The location of error handling, and the structure of the calling code, is more valuable than classes of errors. If you need to distinguish between parsing,or preparing message processing from the actual processing that split the code along those two lines.
If the state of processing needs to be communicating to higher layers than it should be communicated as a proper state and not through the error channels.
In virtually all cases where I've needed to distinguish the type of error handling based on what went wrong it's actually indicated some kind of architectural issue in the code.
Error types that carry extra meaning are local to the code that raises that error. If they escape that context they lose any special meaning. this implies any of these error types are not optional to handle, but mandatory to handle when calling a particular API.
They become part of the API contract, which starts sounding like checked exceptions.
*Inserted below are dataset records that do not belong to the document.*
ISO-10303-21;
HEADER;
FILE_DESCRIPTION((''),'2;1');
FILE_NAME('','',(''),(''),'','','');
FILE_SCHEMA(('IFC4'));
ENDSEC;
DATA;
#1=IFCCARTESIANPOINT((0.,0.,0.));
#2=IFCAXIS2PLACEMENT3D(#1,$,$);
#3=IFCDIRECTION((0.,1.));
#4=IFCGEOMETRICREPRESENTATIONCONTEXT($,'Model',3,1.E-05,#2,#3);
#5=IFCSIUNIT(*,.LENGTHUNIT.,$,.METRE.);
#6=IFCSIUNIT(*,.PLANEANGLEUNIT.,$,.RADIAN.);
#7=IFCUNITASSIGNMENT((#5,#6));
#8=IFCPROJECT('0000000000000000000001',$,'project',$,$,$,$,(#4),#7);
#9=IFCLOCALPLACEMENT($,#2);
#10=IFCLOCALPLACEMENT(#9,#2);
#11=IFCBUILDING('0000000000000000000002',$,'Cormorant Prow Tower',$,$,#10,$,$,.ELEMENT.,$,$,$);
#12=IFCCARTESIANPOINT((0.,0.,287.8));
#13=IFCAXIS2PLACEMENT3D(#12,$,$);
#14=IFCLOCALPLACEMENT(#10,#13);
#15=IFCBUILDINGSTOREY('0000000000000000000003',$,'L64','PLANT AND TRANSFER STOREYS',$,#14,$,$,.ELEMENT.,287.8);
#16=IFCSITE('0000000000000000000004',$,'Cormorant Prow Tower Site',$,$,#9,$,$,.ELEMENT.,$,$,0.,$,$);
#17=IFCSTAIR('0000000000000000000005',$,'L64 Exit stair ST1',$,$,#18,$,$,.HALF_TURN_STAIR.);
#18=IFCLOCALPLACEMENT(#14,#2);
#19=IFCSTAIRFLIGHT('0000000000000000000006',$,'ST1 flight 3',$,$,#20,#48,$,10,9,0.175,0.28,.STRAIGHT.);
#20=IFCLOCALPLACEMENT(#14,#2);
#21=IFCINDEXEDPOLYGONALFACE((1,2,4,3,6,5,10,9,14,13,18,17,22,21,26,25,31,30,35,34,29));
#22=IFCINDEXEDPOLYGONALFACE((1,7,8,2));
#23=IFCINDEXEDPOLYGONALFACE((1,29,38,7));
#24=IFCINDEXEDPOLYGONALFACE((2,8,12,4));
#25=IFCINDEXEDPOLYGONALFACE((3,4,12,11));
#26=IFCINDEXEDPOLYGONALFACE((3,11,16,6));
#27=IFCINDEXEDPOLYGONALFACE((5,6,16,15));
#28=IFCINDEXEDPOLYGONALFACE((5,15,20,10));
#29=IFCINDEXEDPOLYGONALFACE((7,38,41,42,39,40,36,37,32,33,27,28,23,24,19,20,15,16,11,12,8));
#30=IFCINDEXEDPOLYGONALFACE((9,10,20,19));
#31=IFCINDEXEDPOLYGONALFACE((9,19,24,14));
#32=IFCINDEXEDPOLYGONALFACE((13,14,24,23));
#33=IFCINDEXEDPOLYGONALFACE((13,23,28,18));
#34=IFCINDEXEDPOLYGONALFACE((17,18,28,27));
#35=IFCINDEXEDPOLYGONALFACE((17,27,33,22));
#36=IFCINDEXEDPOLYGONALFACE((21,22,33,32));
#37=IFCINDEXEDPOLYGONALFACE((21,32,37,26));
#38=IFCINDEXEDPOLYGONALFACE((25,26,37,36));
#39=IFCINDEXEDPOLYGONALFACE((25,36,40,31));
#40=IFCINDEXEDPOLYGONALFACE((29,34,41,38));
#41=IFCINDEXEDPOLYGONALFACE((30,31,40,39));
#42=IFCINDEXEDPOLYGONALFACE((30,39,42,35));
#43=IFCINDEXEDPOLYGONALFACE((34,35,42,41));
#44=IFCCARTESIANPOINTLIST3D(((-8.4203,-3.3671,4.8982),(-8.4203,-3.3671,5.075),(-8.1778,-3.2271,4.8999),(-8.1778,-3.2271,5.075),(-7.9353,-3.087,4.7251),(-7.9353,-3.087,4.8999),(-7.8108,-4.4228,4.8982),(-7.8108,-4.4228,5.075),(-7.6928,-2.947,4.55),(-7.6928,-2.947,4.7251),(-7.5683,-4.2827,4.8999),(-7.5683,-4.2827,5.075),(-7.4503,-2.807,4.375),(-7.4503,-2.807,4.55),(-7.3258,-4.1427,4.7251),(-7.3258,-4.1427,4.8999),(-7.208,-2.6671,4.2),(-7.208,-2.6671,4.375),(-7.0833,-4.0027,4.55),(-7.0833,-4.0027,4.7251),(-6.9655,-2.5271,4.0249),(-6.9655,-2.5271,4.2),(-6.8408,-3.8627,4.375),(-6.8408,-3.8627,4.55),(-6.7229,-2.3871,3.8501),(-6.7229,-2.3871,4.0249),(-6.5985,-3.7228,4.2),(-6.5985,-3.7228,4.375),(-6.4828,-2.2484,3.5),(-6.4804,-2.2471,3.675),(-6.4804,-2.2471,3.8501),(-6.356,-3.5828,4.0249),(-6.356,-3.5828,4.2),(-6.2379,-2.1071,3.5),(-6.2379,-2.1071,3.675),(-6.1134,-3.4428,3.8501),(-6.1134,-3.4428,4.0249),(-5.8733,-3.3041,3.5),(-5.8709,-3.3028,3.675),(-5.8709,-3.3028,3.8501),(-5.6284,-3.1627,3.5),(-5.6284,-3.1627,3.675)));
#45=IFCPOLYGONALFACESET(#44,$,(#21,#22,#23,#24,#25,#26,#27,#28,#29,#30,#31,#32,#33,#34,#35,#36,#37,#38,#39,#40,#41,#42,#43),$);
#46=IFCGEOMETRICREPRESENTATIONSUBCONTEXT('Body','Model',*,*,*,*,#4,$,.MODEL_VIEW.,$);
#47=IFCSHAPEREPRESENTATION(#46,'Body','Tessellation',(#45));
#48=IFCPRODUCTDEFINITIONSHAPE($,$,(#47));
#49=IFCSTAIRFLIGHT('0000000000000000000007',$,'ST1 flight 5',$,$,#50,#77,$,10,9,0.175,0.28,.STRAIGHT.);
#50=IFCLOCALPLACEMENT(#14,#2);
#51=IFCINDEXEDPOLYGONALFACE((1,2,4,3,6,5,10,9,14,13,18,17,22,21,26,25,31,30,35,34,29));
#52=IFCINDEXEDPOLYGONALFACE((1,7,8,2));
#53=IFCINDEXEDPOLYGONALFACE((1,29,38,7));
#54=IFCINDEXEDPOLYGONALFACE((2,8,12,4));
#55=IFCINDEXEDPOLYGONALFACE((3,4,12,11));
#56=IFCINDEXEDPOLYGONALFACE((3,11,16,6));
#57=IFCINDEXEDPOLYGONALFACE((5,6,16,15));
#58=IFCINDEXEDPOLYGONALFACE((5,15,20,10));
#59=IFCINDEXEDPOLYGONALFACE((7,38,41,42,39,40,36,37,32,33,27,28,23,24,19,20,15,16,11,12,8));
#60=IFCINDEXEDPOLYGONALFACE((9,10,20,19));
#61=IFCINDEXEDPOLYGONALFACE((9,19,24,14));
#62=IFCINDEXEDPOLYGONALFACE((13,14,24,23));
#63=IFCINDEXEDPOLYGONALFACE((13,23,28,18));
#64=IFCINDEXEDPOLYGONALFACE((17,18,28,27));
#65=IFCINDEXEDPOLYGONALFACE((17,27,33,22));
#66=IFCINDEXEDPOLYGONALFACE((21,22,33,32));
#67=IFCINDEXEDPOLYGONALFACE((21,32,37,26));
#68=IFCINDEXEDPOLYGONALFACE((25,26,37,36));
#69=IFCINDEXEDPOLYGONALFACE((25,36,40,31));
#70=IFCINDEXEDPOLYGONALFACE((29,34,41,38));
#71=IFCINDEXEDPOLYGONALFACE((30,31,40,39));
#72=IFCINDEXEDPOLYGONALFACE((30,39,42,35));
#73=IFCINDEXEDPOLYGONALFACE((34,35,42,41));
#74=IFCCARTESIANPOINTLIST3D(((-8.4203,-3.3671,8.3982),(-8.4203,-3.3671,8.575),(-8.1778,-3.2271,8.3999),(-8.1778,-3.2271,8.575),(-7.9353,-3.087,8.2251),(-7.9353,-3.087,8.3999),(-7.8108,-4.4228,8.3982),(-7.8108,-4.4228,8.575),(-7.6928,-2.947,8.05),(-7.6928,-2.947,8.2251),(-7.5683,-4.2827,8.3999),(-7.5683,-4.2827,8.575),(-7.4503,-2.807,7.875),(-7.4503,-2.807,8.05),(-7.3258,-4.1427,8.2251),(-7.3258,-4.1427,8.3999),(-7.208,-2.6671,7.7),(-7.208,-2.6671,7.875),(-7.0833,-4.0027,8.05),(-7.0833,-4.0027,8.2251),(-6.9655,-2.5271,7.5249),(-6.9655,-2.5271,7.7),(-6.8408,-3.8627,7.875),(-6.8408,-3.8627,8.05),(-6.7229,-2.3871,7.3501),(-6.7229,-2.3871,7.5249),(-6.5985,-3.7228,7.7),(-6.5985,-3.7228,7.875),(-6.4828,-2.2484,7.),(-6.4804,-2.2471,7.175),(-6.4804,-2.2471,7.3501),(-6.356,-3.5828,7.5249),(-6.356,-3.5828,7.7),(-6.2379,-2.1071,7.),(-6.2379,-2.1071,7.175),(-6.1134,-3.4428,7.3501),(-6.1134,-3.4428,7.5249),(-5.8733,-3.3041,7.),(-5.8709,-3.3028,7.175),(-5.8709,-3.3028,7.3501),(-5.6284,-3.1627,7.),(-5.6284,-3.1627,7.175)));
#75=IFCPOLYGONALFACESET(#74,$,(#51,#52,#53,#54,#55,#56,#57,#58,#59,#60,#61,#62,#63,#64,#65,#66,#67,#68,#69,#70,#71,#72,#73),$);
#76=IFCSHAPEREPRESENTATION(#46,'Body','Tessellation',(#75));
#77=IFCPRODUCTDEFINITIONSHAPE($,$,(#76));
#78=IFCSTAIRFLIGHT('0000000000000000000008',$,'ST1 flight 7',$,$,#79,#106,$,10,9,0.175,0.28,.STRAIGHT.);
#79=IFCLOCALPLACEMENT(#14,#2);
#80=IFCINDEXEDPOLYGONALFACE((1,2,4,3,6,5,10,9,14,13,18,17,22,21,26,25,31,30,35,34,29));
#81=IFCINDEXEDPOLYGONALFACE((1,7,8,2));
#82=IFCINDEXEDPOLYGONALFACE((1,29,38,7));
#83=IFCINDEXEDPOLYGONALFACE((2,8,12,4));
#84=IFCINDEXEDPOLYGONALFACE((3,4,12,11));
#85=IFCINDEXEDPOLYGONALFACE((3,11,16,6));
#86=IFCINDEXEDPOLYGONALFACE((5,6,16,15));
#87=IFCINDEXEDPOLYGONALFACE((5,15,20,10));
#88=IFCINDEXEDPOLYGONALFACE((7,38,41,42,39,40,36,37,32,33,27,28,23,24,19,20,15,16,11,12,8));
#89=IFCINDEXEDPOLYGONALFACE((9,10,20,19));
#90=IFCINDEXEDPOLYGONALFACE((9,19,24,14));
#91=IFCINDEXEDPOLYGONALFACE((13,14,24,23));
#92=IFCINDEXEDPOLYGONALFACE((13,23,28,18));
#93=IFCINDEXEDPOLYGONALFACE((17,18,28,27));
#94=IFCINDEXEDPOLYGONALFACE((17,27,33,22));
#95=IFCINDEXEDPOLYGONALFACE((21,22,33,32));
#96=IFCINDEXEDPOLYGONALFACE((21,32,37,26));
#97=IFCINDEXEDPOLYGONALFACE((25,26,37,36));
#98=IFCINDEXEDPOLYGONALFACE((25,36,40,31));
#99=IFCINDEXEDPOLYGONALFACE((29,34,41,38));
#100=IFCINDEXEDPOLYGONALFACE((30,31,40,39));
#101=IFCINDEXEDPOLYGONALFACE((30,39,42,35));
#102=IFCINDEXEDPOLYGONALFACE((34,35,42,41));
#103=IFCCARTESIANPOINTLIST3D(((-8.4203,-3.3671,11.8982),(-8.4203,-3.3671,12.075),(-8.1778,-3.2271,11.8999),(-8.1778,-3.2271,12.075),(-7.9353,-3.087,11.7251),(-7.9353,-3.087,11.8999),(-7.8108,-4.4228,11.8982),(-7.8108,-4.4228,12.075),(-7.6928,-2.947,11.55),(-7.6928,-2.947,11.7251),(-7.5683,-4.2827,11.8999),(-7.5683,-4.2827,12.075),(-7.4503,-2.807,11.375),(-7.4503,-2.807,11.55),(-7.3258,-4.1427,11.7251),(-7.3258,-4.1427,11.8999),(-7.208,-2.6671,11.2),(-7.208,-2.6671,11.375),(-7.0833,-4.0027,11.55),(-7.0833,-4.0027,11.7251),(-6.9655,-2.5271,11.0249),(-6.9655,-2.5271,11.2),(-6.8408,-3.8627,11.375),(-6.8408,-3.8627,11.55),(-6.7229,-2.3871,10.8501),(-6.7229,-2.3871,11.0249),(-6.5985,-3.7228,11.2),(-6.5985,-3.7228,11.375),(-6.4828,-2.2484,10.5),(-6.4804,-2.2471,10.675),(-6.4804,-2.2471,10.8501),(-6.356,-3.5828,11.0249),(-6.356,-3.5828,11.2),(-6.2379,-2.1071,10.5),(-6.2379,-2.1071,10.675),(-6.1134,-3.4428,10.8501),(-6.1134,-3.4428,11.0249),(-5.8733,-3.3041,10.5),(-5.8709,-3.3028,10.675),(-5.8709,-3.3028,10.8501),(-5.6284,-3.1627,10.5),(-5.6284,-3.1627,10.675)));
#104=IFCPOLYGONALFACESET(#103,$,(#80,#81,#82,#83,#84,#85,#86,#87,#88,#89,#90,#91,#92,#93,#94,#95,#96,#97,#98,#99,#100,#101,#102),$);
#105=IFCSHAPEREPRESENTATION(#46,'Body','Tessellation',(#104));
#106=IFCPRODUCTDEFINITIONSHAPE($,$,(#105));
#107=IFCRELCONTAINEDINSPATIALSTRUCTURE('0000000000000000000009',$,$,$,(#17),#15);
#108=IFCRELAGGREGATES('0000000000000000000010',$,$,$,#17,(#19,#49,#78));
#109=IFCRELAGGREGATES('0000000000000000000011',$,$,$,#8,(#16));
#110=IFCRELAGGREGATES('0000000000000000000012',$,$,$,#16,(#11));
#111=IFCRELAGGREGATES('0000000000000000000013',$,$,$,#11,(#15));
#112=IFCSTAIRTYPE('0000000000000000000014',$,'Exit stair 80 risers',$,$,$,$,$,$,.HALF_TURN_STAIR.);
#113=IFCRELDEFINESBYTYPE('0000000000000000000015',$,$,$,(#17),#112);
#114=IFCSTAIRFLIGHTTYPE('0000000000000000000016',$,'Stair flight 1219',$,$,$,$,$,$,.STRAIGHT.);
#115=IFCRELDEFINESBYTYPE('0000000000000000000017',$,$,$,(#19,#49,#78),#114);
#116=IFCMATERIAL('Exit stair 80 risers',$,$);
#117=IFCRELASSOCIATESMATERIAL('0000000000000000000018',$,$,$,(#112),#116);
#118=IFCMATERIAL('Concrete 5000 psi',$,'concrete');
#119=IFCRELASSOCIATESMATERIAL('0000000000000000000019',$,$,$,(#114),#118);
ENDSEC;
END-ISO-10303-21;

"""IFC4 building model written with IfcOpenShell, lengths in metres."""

from ifc_helpers import new_model, si_unit, direction, frame, origin, place, context, subcontext, project, spatial, polyline, outline, extrude, material, type_object, element, aggregate, save


model = new_model("IFC4")

# Units and contexts
model_context = context("Model", 3, precision=1e-05, world=origin(), true_north=direction((0.0, 1.0)))
body_context = subcontext(model_context, "Body", "Model", "MODEL_VIEW")
ifc_project = project(units=[si_unit("LENGTHUNIT", "METRE"), si_unit("PLANEANGLEUNIT", "RADIAN")], contexts=[model_context])

# Site, building, storey
site_placement = place(None, origin())
site = spatial("IfcSite", under=ifc_project, at=site_placement, Name="Cormorant Prow Tower Site", CompositionType="ELEMENT", RefElevation=0.0)
building_placement = place(site_placement, origin())
building = spatial("IfcBuilding", under=site, at=building_placement, Name="Cormorant Prow Tower", CompositionType="ELEMENT")
storey_placement = place(building_placement, frame((0.0, 0.0, 287.8)))
storey = spatial("IfcBuildingStorey", under=building, at=storey_placement, Name="L64", Description="PLANT AND TRANSFER STOREYS", CompositionType="ELEMENT", Elevation=287.8)

# Stair, stair flights
ifc_material_1 = material(Name="Exit stair 80 risers")
stair_type = type_object("IfcStairType", Name="Exit stair 80 risers", PredefinedType="HALF_TURN_STAIR", material=ifc_material_1)
stair_placement = place(storey_placement, origin())
stair = element("IfcStair", 1, at=stair_placement, inside=storey, type_object=stair_type, Name="L64 Exit stair ST1", PredefinedType="HALF_TURN_STAIR")
ifc_material_2 = material(Name="Concrete 5000 psi", Category="concrete")
stair_flight_type = type_object("IfcStairFlightType", Name="Stair flight 1219", PredefinedType="STRAIGHT", material=ifc_material_2)
stair_flight_1_placement = place(storey_placement, frame((-5.9331, -2.635, 3.5), z_axis=(0.0, 0.0, 1.0), x_axis=(-0.866025, -0.5, 0.0)))
stair_flight_1 = element("IfcStairFlight", 2, at=stair_flight_1_placement, type_object=stair_flight_type, Name="ST1 flight 3", NumberOfRisers=10, NumberOfTreads=9, PredefinedType="STRAIGHT", RiserHeight=0.175, TreadLength=0.28, context=body_context, shape_type="SweptSolid", body=[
Checked excpetions have been a failure in all languages that have tried them. The idea is nice, but it just doesn't work out. It's too complex to get this working correctly and cleanly, and all it takes is one bad intermediate function to ruin the whole thing.
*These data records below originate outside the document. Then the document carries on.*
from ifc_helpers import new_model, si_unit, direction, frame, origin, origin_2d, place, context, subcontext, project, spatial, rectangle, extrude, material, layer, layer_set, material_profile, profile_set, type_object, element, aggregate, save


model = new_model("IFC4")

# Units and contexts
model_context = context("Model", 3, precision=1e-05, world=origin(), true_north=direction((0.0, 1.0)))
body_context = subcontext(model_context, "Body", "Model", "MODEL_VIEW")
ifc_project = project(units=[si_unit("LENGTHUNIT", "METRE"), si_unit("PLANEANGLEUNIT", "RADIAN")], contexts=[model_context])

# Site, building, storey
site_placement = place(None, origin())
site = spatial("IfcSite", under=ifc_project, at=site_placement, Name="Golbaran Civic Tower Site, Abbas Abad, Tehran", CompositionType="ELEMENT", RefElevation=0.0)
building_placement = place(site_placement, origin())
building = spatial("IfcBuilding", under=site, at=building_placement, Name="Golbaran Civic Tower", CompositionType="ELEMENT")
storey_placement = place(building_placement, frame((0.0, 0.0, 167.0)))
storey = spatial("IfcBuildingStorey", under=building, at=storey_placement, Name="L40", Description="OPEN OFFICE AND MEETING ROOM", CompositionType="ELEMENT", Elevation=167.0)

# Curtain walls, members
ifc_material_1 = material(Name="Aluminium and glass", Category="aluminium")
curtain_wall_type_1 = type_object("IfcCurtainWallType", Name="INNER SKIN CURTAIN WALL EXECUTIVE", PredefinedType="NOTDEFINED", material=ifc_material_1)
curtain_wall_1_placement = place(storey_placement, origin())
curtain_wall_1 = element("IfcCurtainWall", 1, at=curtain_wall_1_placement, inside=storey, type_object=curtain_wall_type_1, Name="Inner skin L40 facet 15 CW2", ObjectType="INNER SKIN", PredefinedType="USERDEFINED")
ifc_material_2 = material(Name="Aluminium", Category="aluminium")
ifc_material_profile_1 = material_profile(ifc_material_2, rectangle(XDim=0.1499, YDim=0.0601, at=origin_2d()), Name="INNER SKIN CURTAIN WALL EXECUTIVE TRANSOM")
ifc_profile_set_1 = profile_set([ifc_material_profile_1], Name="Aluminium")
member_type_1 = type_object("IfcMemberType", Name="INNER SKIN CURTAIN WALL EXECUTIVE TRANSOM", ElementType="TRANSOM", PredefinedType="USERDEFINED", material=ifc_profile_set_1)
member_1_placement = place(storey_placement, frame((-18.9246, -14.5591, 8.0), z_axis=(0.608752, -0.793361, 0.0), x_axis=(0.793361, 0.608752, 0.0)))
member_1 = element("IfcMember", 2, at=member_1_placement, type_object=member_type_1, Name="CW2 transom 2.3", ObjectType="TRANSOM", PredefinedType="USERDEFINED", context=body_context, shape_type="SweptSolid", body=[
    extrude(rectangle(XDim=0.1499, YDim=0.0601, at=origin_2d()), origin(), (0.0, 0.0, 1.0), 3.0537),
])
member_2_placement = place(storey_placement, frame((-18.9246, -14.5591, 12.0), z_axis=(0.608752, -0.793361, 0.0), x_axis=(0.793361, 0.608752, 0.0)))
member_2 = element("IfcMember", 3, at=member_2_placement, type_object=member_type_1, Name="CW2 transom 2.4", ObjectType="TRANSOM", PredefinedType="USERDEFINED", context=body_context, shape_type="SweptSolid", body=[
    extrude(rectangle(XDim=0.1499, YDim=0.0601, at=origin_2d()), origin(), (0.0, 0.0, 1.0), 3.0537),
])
But even if you go down the error proliferation route, which I don't recommend, tagged exceptions are still the better alternative. If you truly wish to change the error handling based on an HTTP error, it makes more sense to encode that into a tag on the error. Then you have a guarantee that this information won't be lost during propagation. There's no wrapping, rewriting, or serialization issues to worry about.
Thanks for the well-thought-out response.
Definitely, that's a first line of defence. If I'm in the parsing routine I can catch the top level exception class and decide that I'm parsing a bad message if that is raised for whatever reason.
But whenever I am making a request of something outside of my process (a file system? network? database? API server?..) a single request can fail in many ways that may need to be handled in different ways.
My point is that the person who writes e.g. the db library or api client library cannot know what classes of error handling will be needed in the context of a given application, so they are not able to meaningfully raise exceptions of the two types listed in the article.
Instead, they presumably divide the errors that can happen into broad classes, which map to exception classes, and annotate them with the specific e.g. client or server error code and message.
Here I disagree, an exception seems an effective language construct to communicate an error state up the stack.
More or less... you can have a default error handling behaviour for "all other errors".
But to do better than that, yes, at some point I need to examine the specific error cases raised and decide how to map them to my available error handling behaviours. This probably needs to happen not too far from the call site (as you say, where the semantics of the errors is known), while the actual error handling might happen far up the stack, in which case I will probably wrap the error into an exception class based on the type of error handling I need to do.
All of this could be done with a single exception class with tags, but since the language provides syntax to catch exceptions by class and not by tag, using multiple classes seems the more natural option.
that seems a strong statement, not an expert on this but "declare or raise" seems to be a good model for a statically typed language like Java, which hasn't been exactly a failure. Not an option in my current python work though, where not knowing what errors a library call might raise is a common problem we face.